Our family chooses to be different. Our first grader participates in one extracurricular activity at a time. This fall it’s gymnastics. I am home every afternoon so my 2-year-old can (attempt to) nap or have quiet time. We eat dinner together just about every night, and my girls learn simple but valuable life lessons when they do their part setting out napkins and clearing the table. I sit down at our keyboard after dinner and teach my oldest the basics of piano. My husband and I sit together in the big swing on our patio in the evenings while we watch our daughters do cartwheels in the yard. We don’t cram our kids in the car and drive around to stuff every evening, and we don’t have to hurry through homework. We read to our girls every night, and our kids go to bed on time and get enough sleep.

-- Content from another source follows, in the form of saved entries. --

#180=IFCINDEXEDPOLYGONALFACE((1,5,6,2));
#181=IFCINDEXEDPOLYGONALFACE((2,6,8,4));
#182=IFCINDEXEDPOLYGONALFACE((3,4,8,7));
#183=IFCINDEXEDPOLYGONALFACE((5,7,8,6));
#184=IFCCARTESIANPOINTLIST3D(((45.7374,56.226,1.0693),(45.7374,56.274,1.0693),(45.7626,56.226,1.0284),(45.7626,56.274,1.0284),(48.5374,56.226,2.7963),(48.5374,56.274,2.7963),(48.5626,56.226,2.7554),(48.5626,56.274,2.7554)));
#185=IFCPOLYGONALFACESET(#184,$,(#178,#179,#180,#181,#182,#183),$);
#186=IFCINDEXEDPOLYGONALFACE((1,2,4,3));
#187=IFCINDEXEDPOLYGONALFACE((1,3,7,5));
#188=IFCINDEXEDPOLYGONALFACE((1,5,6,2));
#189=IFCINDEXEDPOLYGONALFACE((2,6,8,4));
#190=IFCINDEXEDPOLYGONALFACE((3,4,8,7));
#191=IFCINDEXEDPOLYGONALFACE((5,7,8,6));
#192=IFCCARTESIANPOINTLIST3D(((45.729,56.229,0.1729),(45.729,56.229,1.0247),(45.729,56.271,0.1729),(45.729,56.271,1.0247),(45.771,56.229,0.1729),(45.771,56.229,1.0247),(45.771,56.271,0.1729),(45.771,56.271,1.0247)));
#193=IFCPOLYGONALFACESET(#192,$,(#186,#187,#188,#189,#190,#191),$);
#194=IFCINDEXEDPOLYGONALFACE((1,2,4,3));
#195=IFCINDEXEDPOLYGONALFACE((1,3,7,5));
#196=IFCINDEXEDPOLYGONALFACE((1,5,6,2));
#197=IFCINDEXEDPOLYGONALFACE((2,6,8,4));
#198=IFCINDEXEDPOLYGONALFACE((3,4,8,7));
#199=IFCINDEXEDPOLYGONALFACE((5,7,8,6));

Being at home doesn’t mean we sit around feeling bored. When we remove all the enticing distractions the world offers, we find we still have plenty of things to do. Important things like asking our children about their day and really listening, or getting down on the floor to play with a pile of Little People toys, or teaching our oldest how to ride a bike without training wheels.

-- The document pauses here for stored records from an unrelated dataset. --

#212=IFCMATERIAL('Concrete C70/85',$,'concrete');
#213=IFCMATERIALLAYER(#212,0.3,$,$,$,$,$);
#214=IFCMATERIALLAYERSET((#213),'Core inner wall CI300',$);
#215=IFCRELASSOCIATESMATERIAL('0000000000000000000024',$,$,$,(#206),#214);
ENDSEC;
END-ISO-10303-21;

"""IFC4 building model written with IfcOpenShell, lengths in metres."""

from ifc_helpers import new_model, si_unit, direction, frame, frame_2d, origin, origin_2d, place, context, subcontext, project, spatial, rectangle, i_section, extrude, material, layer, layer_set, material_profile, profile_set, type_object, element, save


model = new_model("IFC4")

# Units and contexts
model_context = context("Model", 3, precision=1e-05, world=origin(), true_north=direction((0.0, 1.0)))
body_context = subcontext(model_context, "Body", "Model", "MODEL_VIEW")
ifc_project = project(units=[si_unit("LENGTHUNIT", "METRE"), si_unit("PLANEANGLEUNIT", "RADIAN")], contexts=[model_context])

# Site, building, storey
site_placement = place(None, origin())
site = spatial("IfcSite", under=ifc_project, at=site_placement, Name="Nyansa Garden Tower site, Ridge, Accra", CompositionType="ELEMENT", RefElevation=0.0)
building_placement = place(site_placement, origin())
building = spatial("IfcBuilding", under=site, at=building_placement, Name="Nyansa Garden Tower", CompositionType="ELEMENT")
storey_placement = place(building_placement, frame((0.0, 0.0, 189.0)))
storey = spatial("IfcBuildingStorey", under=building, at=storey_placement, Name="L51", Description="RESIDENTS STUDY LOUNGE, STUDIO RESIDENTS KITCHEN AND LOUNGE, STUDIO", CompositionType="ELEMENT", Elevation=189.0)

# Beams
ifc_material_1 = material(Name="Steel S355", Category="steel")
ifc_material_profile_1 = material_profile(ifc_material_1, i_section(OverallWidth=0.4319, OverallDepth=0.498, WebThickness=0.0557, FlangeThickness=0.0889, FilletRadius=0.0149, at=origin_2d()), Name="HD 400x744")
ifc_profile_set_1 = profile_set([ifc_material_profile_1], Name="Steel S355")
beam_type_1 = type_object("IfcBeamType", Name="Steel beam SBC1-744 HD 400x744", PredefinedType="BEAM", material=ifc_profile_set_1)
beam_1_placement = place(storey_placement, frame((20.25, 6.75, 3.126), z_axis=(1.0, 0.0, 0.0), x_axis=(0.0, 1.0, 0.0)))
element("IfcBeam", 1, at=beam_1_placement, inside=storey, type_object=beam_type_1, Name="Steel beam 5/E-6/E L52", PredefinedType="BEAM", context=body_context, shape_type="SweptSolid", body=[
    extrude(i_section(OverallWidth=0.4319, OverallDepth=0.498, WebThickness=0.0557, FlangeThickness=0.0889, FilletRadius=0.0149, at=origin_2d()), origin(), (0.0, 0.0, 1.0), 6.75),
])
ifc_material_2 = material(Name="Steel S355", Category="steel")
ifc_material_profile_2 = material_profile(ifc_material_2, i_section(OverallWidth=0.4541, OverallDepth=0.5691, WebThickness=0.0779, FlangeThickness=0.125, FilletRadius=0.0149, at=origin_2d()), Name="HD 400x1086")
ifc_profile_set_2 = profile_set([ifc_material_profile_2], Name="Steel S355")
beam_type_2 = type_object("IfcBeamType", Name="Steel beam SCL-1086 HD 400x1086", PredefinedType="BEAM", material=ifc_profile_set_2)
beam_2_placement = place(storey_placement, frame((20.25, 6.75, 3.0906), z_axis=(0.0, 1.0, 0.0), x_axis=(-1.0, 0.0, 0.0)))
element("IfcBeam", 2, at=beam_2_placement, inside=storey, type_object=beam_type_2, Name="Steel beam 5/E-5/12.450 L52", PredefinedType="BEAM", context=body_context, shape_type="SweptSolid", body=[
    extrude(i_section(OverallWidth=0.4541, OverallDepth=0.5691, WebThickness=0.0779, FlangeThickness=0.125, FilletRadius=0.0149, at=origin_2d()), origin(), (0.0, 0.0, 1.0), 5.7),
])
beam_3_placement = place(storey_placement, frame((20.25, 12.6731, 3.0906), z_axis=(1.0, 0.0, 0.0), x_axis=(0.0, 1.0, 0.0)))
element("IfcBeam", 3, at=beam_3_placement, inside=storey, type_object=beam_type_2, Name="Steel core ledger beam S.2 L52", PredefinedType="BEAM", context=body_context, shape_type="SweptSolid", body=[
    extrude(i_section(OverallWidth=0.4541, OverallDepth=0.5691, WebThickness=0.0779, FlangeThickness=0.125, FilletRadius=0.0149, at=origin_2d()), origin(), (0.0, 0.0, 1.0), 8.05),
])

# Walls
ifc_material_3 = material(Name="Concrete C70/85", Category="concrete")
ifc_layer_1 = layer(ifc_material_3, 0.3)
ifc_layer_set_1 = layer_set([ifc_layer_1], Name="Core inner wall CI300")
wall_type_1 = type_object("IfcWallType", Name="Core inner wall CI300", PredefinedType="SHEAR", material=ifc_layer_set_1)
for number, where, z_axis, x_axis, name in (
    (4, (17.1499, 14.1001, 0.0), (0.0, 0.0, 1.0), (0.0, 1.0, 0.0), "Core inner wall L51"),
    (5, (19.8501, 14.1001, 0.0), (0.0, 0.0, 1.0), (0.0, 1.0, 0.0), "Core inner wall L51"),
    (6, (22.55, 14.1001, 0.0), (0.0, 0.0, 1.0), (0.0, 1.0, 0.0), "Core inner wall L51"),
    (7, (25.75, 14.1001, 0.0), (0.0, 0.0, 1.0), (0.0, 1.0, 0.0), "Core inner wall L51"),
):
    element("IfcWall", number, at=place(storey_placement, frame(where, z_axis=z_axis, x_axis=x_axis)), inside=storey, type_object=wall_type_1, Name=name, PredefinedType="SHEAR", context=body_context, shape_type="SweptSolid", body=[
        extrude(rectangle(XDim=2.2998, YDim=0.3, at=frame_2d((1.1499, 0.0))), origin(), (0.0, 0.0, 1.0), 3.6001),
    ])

We also have not completely withdrawn from the world. I volunteer at both of my daughters’ schools. We go to story time at the library almost every week. We are active at our church on Sunday mornings. We have dinner with close friends and go to play dates, birthday parties, and local festivals.
I enjoyed a slower-paced day when I went to the home of good friend and fellow blogger Elizabeth the other week. While our littlest ones played together, we donned aprons and spent the day tackling the tedious task of peeling and slicing basketfuls of apples from her grandparents’ farm. These weren’t perfectly shaped grocery store apples, so they didn’t fit well on those handy crank devices that peel, core and slice them in one swift arm movement. We peeled and sliced most of the apples by hand and felt a domestic connection to our female ancestors who did things the old fashioned way. We saved some apple slices for pies and crisps, and others we mixed with cinnamon and sugar and cooked down into applesauce. The house smelled delicious and our hands were busy as we chatted about books and family and faith. I love living slowly and savoring the moment.

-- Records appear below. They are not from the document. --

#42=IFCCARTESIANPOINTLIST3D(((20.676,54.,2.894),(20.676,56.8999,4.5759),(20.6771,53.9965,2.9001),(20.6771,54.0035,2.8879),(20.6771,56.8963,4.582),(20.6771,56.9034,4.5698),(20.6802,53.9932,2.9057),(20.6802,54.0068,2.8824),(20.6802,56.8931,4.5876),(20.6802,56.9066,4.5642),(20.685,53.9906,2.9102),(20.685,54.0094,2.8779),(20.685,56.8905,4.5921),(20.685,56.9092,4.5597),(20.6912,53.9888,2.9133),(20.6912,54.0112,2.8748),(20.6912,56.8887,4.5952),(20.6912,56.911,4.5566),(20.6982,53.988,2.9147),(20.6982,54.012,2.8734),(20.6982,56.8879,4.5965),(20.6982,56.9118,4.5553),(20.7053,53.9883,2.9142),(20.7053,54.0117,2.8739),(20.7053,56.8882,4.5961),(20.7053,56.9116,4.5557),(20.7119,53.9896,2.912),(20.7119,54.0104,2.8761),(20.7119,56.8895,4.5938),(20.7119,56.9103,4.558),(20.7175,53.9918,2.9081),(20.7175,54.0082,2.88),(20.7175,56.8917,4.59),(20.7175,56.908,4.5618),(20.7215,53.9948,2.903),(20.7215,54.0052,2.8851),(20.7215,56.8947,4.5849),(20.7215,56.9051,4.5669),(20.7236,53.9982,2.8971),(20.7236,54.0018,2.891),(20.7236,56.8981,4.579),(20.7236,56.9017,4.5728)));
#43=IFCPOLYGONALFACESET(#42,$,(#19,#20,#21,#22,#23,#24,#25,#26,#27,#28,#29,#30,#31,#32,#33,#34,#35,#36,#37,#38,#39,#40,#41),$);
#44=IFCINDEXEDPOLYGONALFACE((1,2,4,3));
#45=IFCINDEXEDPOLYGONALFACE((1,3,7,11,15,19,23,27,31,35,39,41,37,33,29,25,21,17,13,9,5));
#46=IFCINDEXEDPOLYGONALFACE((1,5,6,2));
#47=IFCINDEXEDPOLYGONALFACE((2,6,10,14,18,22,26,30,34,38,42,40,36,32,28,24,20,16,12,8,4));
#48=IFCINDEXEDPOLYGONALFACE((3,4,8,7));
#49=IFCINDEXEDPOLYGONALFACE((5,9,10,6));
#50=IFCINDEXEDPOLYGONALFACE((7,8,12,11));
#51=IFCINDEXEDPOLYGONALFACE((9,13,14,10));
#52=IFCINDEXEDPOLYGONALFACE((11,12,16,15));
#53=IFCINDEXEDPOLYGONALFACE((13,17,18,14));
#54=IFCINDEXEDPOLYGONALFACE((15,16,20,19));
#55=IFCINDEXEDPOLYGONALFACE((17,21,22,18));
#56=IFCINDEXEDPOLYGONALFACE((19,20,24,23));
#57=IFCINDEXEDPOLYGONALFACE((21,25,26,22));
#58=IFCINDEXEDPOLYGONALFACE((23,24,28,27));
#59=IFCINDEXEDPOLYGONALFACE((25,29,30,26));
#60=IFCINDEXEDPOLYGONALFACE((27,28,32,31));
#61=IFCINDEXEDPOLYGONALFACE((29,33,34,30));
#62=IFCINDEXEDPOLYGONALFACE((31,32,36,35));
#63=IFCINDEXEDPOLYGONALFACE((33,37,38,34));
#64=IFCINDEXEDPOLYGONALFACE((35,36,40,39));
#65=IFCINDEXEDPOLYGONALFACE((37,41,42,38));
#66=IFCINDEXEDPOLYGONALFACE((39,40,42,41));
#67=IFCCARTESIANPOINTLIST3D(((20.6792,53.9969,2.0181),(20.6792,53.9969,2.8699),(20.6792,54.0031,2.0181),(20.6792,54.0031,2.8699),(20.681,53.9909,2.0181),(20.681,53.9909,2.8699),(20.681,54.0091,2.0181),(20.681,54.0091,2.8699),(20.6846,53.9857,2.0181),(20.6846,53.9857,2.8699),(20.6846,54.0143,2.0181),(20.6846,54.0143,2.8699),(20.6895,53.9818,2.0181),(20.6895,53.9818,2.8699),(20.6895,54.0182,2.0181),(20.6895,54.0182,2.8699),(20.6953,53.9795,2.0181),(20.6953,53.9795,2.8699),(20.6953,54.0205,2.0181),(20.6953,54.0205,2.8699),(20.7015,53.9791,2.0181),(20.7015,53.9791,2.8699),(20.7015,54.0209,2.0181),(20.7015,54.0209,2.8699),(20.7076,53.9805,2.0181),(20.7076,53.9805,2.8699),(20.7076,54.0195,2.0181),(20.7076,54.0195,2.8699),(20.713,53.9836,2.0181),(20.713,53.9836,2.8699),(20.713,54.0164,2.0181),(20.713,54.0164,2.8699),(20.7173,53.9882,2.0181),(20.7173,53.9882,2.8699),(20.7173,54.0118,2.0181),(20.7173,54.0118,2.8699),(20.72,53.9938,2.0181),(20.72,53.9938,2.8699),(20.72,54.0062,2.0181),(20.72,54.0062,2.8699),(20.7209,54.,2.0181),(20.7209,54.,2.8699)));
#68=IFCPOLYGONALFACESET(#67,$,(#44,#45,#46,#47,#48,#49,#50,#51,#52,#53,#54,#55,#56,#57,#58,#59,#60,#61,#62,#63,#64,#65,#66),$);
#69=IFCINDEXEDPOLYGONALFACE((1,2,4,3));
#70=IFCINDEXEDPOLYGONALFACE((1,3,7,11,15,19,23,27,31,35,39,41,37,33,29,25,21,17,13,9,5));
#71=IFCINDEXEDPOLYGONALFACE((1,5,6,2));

We live in a world that runs at a faster pace than ever. There are endless opportunities for entertainment and recreation – perhaps too many opportunities – and these things are more affordable than ever for average families. We feel driven to seek recognition, to be important and visible, to leave our unique mark on the world. People devote their lives to their careers and find their identities in jobs that demand long hours. Technology keeps us always connected with little time to take a breath and reflect. Everywhere I go, I get bombarded with the message that I should be doing more, whether it is at church, in my larger community, or even online where Facebook or Pinterest highlight all the cool things I’m not doing. But do we need to do it all? At the same time? It’s more important now than ever to set boundaries for our personal lives and our families.
All that is why you will most likely find me, the introverted mom, at home if you go looking for me this year. Balance, rest, and reflection help me keep my sanity. These things make me a better wife, mom, and friend. This fall as the air grows chilly and the holidays draw near, I’ll be at home with my family. Maybe we’ll bake some apple crisp, rake some leaves, and read a few chapter books together. That type of introverted mom, quiet life sounds just right.